After a major incident was declared in the capital last Friday due to rising Covid-19 cases, Mr Khan and London Councils chair Georgia Gould have written to the Prime Minister calling for measures similar to those in place last March and April.
Aside from the closure of places of worship, they have called for the PM to make mask-wearing mandatory outside the home – including in supermarket queues, on high streets and in other possibly crowded outdoor settings.
Also among four major demands is for the Government to provide greater financial support for Londoners who need to self-isolate and are unable to work, backed by improved asymptomatic testing for key workers.
The two leaders also called for the the rollout of vaccines across London to be accelerated, and for the provision of daily vaccination data by borough and ethnicity.
“We recognise how difficult these decisions are and how they will impose further tough restrictions on Londoners,” the letter says. “With new levels of infection remaining high we are left with little choice but to ask that you implement them.”
Mr Khan and Ms Gould said places of worship were “crucially important for communities” and that “we wouldn’t be making this request if the situation wasn’t very serious”.
The letter also urges four other more temporary measures: an urgent review of what constitutes essential and non-essential retail, stricter guidance on how retailers can prevent unsafe queues and crowding, prohibiting click and collect services at non-essential retail chains, and stronger guidance on size restrictions for weddings, funerals and similar gatherings.
Review
“The measures we are asking for would need to be kept under regular review, but if they are not introduced as a matter of urgency then we fear that the transmission of the virus will continue to spread across the capital, putting unsustainable strain on our NHS and public services,” the letter says.
While pledging to support the vaccination rollout, the two leaders urged Mr Johnson to review the distribution formula.
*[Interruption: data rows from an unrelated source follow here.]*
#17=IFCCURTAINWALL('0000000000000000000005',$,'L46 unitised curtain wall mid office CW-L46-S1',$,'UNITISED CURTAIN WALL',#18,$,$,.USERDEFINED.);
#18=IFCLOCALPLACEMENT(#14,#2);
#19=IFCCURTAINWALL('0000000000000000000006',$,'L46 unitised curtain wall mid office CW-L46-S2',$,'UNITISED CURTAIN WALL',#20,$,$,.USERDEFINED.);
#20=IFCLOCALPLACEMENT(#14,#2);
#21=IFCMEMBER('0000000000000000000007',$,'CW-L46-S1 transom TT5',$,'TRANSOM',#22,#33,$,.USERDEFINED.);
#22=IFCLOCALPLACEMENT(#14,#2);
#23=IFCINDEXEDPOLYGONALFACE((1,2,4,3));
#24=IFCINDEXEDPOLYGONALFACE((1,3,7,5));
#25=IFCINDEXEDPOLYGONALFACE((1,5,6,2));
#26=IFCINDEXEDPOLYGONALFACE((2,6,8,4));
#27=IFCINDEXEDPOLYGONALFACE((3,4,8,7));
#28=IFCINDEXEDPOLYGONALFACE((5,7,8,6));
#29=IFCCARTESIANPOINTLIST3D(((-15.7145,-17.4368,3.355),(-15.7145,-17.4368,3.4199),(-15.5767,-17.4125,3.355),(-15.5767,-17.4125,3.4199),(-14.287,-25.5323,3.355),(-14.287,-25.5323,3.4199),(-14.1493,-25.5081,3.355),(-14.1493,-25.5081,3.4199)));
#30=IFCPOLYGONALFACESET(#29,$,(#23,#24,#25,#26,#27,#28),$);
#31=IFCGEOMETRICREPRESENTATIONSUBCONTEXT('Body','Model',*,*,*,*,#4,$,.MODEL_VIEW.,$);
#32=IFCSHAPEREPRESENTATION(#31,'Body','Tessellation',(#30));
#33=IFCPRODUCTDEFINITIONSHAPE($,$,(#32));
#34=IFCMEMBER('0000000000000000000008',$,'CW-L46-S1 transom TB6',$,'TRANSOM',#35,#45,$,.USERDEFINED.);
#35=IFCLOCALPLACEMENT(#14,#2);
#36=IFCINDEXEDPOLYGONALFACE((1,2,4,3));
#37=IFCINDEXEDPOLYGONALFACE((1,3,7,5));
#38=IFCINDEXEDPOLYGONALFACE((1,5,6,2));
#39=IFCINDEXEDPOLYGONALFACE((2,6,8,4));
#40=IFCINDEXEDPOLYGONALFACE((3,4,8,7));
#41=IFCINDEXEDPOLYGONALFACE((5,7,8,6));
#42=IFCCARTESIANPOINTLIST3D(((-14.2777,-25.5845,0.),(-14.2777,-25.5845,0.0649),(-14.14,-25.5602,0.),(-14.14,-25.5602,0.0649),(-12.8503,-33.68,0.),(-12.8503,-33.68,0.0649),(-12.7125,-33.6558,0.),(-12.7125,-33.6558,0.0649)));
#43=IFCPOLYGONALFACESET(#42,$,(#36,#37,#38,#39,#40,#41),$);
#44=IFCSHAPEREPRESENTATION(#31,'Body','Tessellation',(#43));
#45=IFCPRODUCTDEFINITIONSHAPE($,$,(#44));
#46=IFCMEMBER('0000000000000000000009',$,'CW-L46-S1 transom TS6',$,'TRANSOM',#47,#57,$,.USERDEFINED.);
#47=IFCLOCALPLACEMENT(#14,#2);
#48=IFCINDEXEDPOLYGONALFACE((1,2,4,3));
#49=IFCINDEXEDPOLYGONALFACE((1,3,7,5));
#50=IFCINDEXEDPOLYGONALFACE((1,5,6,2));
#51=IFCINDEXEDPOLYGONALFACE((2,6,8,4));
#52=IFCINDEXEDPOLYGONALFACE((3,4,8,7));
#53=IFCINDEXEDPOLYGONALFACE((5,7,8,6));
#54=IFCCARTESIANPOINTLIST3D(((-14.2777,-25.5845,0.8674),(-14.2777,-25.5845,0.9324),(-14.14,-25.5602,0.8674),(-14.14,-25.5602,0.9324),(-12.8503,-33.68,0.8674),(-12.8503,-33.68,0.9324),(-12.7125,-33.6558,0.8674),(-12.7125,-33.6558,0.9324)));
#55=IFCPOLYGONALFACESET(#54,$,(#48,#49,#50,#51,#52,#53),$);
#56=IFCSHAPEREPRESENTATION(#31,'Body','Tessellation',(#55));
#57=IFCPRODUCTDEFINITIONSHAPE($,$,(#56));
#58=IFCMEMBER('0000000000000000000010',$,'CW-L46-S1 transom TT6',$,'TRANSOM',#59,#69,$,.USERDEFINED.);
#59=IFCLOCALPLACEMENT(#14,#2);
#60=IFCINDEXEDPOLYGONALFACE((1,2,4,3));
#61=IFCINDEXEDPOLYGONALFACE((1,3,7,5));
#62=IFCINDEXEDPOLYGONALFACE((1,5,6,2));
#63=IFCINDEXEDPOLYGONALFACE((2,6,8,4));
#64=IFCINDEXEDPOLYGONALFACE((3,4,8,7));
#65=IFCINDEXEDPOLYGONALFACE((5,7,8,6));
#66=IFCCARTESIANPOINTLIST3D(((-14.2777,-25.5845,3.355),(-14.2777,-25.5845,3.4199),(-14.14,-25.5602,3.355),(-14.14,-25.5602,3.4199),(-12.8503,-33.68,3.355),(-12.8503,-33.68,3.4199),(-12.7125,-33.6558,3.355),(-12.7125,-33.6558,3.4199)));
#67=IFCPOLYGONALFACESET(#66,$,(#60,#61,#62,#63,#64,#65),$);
They said current plans would leave London and other major cities “with fewer vaccines per head of population compared to less densely populated regions”.
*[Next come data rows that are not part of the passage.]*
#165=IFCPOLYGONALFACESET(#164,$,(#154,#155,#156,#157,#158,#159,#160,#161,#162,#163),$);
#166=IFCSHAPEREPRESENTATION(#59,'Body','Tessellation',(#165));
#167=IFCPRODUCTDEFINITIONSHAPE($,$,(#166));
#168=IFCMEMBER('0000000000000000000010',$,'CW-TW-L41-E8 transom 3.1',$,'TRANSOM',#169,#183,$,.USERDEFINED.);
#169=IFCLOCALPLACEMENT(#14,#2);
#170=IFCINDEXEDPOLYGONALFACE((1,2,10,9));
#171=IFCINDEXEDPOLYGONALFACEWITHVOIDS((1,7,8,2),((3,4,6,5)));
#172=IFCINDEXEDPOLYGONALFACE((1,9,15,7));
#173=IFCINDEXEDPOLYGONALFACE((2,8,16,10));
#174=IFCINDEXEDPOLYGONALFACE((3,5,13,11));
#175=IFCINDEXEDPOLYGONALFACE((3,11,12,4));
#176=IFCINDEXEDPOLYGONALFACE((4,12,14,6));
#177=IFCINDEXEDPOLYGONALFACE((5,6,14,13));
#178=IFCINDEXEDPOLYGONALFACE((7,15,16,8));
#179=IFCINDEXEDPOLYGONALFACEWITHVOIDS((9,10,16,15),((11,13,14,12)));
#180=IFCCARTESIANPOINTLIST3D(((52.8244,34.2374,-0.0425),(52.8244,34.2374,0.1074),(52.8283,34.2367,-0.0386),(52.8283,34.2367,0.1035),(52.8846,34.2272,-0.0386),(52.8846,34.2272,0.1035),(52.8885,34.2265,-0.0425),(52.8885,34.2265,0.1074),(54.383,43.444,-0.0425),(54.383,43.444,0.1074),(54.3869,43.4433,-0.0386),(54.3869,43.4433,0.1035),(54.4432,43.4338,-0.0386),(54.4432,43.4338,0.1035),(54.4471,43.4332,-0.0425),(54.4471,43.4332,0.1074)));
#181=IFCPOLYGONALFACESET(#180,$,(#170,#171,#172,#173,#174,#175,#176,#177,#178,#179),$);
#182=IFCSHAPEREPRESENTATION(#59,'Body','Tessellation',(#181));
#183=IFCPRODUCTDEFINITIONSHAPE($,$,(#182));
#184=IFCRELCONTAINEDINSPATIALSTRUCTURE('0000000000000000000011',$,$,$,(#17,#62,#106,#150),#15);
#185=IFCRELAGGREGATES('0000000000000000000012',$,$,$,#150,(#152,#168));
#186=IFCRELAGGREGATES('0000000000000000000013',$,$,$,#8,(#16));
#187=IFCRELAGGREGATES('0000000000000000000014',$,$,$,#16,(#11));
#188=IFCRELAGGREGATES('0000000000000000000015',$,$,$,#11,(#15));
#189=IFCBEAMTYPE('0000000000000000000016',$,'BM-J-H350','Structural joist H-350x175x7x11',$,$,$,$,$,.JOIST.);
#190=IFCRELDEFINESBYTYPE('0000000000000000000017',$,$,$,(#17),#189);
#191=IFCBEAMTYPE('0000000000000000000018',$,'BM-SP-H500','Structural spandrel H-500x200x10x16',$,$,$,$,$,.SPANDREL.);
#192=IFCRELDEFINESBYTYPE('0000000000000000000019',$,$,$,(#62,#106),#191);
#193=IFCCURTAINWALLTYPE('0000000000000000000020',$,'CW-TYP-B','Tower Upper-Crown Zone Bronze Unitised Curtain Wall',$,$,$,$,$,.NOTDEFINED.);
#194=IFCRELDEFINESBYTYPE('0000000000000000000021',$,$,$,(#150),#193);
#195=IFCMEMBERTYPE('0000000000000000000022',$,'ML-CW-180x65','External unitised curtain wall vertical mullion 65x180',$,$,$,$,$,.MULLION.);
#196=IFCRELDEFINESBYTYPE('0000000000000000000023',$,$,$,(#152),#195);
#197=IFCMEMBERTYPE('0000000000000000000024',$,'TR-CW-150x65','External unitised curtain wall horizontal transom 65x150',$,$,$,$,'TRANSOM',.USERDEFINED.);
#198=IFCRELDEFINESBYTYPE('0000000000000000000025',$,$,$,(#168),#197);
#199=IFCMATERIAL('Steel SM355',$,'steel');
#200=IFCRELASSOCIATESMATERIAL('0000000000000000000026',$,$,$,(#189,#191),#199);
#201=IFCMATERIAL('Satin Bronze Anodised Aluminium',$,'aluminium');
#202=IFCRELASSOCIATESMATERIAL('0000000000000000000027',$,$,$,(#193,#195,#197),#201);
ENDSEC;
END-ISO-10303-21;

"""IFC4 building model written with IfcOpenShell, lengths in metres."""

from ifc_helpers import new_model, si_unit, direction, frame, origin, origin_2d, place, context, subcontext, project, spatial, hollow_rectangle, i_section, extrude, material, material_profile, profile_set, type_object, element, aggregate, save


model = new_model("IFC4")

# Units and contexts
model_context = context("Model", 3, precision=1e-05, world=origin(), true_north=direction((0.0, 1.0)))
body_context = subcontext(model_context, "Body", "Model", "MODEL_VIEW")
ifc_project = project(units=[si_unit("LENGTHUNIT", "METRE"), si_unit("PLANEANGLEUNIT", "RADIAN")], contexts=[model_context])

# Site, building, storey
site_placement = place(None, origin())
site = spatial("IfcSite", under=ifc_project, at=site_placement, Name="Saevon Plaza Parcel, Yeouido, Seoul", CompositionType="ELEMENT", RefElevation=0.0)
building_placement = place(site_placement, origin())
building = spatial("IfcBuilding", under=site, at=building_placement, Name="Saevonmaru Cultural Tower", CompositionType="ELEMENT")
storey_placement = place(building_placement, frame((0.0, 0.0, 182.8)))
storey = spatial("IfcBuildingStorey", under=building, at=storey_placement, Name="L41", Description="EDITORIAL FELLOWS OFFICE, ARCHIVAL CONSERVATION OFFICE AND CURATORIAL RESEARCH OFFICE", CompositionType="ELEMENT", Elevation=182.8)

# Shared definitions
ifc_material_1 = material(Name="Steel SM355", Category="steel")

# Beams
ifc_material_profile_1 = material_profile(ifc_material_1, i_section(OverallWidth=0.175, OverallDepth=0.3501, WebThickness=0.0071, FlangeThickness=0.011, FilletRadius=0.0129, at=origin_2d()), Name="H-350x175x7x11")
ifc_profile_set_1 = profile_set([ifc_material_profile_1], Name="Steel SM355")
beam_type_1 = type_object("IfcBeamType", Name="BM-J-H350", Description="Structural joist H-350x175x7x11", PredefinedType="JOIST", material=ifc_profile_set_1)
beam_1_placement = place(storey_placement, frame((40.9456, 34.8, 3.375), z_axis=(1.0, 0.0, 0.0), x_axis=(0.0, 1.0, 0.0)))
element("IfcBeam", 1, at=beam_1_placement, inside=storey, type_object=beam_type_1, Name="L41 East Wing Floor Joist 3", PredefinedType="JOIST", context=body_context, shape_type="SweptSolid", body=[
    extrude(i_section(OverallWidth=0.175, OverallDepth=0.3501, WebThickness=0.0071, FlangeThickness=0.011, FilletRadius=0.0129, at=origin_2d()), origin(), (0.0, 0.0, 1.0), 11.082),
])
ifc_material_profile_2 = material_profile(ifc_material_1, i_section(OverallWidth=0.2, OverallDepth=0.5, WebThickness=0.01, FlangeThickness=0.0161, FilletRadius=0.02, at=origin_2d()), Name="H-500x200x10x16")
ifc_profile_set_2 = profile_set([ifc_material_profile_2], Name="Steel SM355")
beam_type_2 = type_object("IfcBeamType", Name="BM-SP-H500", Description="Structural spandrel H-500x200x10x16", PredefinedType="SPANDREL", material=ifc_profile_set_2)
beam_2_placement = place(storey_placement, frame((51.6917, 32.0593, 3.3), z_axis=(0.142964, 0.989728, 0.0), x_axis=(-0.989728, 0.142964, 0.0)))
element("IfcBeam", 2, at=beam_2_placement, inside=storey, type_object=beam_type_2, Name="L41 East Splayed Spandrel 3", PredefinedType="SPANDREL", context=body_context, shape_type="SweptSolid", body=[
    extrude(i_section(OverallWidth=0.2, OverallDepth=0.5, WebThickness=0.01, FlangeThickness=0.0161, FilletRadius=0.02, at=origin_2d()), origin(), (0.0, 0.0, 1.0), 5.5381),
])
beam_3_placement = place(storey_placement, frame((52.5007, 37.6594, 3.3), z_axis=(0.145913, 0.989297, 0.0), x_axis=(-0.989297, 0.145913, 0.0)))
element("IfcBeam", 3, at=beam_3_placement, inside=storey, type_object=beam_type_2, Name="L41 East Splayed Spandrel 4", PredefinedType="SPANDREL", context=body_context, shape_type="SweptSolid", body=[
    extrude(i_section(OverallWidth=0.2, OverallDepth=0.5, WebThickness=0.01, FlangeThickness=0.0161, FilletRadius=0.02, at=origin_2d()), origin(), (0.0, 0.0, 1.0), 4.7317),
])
“Currently each Primary Care Network (PCN) in England is receiving an equal distribution of vaccines, despite the huge variations in the size of the populations PCNs serve. We call on you to review this formula and urgently scale up vaccine distribution in London,” the letter says.
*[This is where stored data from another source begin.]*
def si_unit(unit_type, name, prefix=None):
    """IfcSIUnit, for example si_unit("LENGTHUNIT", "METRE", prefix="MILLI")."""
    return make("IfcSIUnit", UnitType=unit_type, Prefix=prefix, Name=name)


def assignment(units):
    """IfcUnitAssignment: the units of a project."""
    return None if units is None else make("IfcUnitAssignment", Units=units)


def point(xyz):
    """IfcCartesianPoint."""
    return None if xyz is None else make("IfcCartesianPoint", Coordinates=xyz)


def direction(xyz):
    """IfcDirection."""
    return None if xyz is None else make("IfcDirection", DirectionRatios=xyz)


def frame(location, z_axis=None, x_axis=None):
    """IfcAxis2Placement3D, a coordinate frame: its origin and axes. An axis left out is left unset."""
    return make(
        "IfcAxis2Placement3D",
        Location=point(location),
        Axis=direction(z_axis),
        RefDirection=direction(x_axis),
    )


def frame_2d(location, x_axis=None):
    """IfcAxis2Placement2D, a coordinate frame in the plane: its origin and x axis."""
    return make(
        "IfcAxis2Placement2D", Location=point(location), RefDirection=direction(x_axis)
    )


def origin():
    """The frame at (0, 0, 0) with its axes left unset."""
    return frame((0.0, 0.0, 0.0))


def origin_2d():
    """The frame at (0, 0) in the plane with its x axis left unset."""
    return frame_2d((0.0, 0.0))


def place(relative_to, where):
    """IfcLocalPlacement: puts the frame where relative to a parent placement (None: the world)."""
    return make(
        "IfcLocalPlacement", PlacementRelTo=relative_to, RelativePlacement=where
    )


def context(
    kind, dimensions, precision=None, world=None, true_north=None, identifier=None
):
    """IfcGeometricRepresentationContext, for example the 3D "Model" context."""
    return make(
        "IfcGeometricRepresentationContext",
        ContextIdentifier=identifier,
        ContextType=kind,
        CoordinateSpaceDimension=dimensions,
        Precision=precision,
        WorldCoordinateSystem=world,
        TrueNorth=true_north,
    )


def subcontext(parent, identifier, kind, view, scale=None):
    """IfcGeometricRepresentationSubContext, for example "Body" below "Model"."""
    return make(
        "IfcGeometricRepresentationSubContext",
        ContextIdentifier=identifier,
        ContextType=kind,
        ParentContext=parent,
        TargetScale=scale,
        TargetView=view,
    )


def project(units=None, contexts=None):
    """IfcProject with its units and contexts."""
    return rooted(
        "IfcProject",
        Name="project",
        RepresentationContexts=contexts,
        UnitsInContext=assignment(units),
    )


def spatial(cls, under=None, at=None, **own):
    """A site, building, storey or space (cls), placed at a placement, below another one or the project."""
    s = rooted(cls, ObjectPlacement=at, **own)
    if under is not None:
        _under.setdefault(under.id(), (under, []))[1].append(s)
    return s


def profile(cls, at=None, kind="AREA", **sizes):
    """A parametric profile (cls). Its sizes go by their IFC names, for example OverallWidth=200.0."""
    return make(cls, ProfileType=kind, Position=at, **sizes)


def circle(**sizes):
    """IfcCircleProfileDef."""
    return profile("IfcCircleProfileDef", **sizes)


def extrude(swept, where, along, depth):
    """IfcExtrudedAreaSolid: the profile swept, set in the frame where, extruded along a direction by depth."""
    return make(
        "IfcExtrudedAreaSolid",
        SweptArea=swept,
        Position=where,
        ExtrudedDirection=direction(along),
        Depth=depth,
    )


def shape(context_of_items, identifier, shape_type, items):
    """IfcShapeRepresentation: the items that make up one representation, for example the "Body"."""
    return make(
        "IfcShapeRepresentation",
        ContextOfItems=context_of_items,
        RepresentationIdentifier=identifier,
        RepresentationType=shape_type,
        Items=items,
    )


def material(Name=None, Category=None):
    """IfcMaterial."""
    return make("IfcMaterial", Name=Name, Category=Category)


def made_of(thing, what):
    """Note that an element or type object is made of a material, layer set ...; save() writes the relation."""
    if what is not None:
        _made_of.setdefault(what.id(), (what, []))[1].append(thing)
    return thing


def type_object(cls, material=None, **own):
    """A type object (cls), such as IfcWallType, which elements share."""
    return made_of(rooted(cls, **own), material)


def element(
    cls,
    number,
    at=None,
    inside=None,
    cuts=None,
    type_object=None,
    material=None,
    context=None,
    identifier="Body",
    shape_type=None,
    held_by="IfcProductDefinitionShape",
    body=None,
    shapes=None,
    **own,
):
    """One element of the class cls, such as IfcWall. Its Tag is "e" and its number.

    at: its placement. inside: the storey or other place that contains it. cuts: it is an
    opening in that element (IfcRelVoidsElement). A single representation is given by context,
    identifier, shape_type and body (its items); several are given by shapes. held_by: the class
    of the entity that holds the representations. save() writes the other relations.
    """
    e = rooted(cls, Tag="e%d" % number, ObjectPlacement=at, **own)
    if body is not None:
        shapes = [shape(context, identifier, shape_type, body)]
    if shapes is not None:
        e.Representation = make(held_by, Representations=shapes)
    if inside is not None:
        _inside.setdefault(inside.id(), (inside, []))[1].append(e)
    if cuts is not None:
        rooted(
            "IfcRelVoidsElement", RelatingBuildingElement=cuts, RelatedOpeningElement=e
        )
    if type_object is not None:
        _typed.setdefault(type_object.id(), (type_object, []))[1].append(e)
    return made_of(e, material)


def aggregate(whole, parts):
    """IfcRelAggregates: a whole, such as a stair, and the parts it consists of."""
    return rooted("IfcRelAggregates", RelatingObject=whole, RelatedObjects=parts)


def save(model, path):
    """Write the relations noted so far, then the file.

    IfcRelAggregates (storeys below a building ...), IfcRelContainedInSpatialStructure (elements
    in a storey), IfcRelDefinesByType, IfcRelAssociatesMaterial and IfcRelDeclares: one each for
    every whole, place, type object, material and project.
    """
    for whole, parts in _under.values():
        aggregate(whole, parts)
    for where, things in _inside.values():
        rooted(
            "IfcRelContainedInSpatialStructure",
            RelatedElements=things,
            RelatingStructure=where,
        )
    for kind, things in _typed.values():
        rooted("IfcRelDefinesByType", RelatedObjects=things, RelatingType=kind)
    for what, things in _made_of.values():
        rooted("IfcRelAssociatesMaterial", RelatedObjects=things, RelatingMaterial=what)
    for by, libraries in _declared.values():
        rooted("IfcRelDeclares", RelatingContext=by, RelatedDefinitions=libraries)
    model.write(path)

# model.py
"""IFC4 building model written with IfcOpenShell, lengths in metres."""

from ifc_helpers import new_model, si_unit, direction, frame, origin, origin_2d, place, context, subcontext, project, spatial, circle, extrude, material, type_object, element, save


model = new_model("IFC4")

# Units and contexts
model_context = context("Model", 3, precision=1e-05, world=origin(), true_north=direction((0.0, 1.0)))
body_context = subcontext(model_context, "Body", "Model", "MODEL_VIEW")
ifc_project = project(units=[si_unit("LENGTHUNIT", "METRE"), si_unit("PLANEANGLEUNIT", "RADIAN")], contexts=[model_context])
While conceding immunising the first four cohorts on the Government’s vaccination priority list “should bring down the mortality rate over the next few weeks and months”, Mr Khan and Ms Gould expressed frustration that it was currently not possible to roll out the vaccine to the next five, mostly younger, cohorts.
“It is these younger groups, the 40 to 60 year olds, that are presenting at hospitals in large numbers,” the two leaders said.
“It is also this group which is spending longer in hospital because they are less likely to die from the virus, but require longer hospital treatment to recover.
“Our NHS is unable to cope with this level of demand for this duration and ultimately it will end in everyone’s health suffering.”
Mr Khan has also written to Transport Secretary Grant Shapps saying the measures he announced on Friday covering international travel did not go far enough.
Negative
While passengers now need a negative Covid-19 test no more than 72 hours before travel, Mr Khan said more detail was needed on what type of tests were required.
He said the continued reliance on spot checks by the UK’s Border Force to ensure recent arrivals were self-isolating fell far short of rules on quarantine and enforcement used in other countries, as did the £500 fine for non-compliance and cabin crews being exempt from the regulations.
It comes after the NHS medical director for London warned on Tuesday that the capital’s hospitals faced an increasingly dire situation.
Dr Vin Diwakar said London now had almost 8,000 Covid-19 inpatients, compared to 4,000 on December 25.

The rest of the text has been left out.